Chronic kidney disease is defined as a decrease in eGFR to below 60 ml/min/1.73 m2 at follow-up. Harrell’s C-statistic is derived from time to event models which include only suPAR levels

MDCS Malmö Diet and Cancer Study, JHS Jackson Heart Study, EmCAB Emory Cardiovascular Biobank, eGFR estimated glomerular filtration rate

This study highlights major discrepancies between suPAR measurements across commonly used assays, with modest correlations and differences in associations with outcomes. These findings warrant caution in deriving conclusions related to suPAR measures, notably when comparing results from different assays. Proteomics platforms, while useful for discovery, have limitations including cross-reactivity, lack of specificity, protein complexes and single nucleotide polymorphisms altering aptamer/antibody affinities, amongst others which may be more relevant for some assayed proteins such as suPAR [3]. The correlation in suPAR levels measured with SOMAScan and Olink has been previously reported to be modest (r = 0.48) [2]. Most importantly, proteomics-derived suPAR measures have not been previously cross-validated with ELISAs. We also found differences between the ELISA measurements, consistent with a prior report by Winnicki et al. in which suPAR levels using the suPARnostic assay were higher and outperformed the Human Quantikine uPAR ELISA in differentiating between patients with and without focal segmental glomerulosclerosis [4]. SuPAR exists in circulation in different forms originating from splice variants and proteolytic processing with varying levels of glycosylation and distinct biological activity. The suPARnostic ELISA consists of two monoclonal capture antibodies: one targeting the DIII subunit, and the other the DII subunit, thus capturing full-length suPAR (DIDIIDII) and the DIIDIII fragment, but not DI. The Human uPAR Quantikine assay uses a monoclonal capture antibody and polyclonal detection antibodies.
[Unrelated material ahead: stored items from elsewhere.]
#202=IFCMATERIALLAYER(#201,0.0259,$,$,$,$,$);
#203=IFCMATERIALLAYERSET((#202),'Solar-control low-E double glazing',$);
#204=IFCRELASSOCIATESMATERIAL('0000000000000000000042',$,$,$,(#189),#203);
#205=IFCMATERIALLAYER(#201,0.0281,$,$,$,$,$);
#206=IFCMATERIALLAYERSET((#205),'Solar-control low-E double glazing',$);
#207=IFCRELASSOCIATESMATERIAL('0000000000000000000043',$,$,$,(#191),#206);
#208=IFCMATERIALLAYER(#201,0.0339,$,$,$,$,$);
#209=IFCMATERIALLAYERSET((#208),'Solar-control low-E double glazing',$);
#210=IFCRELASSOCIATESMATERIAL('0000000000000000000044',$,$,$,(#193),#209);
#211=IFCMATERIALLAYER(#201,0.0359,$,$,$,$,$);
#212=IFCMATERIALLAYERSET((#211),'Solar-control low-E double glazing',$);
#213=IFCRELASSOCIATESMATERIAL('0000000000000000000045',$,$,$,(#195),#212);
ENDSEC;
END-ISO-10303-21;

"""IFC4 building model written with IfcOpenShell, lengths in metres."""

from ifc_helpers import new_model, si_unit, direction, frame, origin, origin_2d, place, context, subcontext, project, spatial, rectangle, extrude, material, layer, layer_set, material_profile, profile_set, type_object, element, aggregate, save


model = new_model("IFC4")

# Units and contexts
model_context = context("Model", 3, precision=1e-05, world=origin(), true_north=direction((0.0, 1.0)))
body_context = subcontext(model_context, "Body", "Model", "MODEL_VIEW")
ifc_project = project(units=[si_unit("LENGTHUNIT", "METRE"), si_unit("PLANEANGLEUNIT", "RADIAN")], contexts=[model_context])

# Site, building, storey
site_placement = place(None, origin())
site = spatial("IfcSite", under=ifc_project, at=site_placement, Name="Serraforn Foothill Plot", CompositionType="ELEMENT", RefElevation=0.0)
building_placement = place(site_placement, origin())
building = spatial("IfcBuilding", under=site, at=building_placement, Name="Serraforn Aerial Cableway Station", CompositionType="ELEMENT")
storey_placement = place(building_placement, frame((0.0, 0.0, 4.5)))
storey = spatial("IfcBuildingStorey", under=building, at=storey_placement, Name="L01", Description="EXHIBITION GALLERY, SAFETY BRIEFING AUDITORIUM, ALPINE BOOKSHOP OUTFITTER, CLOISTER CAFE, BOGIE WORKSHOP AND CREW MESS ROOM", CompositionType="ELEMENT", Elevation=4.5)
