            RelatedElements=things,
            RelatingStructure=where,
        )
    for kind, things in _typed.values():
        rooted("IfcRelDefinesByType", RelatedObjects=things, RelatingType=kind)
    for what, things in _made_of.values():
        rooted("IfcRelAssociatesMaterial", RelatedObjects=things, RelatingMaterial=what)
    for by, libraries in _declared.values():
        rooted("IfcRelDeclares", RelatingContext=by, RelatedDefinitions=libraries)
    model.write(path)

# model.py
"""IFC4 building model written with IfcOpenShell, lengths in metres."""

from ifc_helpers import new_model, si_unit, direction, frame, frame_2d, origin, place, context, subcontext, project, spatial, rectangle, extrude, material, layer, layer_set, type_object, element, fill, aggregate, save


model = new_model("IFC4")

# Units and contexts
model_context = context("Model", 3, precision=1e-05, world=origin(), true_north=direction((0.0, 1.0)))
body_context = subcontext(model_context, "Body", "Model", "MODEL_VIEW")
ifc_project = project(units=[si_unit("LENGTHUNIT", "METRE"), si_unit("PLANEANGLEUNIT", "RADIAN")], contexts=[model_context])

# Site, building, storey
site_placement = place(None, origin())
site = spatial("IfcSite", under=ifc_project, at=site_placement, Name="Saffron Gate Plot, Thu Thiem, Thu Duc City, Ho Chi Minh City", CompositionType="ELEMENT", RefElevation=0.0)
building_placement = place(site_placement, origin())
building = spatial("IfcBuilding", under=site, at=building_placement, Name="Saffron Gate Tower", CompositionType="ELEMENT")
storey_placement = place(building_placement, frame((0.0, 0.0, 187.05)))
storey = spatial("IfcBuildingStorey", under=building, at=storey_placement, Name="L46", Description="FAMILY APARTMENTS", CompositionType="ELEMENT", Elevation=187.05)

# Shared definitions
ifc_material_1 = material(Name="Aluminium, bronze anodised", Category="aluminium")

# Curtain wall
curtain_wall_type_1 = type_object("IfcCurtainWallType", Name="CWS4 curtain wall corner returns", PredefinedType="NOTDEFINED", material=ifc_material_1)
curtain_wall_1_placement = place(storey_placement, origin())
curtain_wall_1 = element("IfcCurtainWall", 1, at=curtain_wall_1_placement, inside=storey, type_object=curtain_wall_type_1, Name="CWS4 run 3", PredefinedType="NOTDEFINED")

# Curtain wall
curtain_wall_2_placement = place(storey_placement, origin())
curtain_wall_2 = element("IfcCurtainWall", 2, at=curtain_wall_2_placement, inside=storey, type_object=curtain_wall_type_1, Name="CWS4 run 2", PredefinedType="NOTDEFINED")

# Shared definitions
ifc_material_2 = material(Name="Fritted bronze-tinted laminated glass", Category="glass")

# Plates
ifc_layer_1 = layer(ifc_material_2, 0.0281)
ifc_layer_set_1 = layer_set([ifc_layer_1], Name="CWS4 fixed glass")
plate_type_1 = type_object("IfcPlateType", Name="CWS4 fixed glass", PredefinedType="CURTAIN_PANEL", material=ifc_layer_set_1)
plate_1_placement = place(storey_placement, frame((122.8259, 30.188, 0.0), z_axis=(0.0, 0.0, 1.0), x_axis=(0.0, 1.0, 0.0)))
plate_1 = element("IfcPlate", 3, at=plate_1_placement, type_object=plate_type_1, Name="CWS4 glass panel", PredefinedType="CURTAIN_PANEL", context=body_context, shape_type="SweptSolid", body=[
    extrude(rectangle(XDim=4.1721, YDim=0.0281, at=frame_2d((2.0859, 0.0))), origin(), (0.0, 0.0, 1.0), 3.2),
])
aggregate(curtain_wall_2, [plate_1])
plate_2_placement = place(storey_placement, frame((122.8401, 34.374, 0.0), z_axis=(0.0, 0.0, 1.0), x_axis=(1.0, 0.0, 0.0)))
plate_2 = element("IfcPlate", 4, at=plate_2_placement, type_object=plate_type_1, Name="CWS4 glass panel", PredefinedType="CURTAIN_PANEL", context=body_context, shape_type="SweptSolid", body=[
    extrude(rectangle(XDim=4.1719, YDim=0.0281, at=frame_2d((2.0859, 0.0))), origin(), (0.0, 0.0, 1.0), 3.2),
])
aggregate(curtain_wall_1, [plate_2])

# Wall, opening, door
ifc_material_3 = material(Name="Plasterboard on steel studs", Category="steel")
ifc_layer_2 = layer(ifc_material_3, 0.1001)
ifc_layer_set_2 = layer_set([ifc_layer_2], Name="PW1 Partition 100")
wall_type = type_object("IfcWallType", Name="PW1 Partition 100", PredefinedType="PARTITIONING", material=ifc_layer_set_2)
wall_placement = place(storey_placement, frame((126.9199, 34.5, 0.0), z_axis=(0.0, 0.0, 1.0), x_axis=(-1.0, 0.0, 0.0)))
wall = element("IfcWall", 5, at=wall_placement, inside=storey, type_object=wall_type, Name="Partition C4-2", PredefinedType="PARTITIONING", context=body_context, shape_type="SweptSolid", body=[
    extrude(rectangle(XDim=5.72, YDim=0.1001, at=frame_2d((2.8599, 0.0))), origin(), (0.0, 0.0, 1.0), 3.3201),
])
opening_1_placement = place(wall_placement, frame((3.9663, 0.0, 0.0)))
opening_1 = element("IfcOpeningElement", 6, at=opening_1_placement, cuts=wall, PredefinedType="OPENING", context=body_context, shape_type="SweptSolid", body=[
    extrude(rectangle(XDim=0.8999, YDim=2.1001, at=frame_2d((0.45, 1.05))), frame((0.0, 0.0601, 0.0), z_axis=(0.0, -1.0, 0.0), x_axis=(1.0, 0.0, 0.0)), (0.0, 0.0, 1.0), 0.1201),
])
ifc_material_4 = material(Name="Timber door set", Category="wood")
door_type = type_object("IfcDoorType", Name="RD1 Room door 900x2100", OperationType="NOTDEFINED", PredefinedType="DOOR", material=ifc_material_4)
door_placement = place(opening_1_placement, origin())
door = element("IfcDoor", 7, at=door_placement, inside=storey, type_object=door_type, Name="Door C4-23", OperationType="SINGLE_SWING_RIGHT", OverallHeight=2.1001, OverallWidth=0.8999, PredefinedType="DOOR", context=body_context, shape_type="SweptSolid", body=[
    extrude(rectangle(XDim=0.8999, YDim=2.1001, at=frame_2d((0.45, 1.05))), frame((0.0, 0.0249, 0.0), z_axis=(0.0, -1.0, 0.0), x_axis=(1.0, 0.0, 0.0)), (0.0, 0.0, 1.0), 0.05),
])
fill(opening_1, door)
The specific suPAR forms detected by the various proteomics platforms are unknown. The discrepancy between assays may relate to their differing ability in detecting the various suPAR forms, with the suPARnostic assay’s ability to detect both full length and cleaved suPAR forms explaining the higher levels reported and overall better risk discrimination. As suPAR is increasingly measured in clinical settings, understanding the differences in the methods of suPAR measurements is crucial for interpreting findings.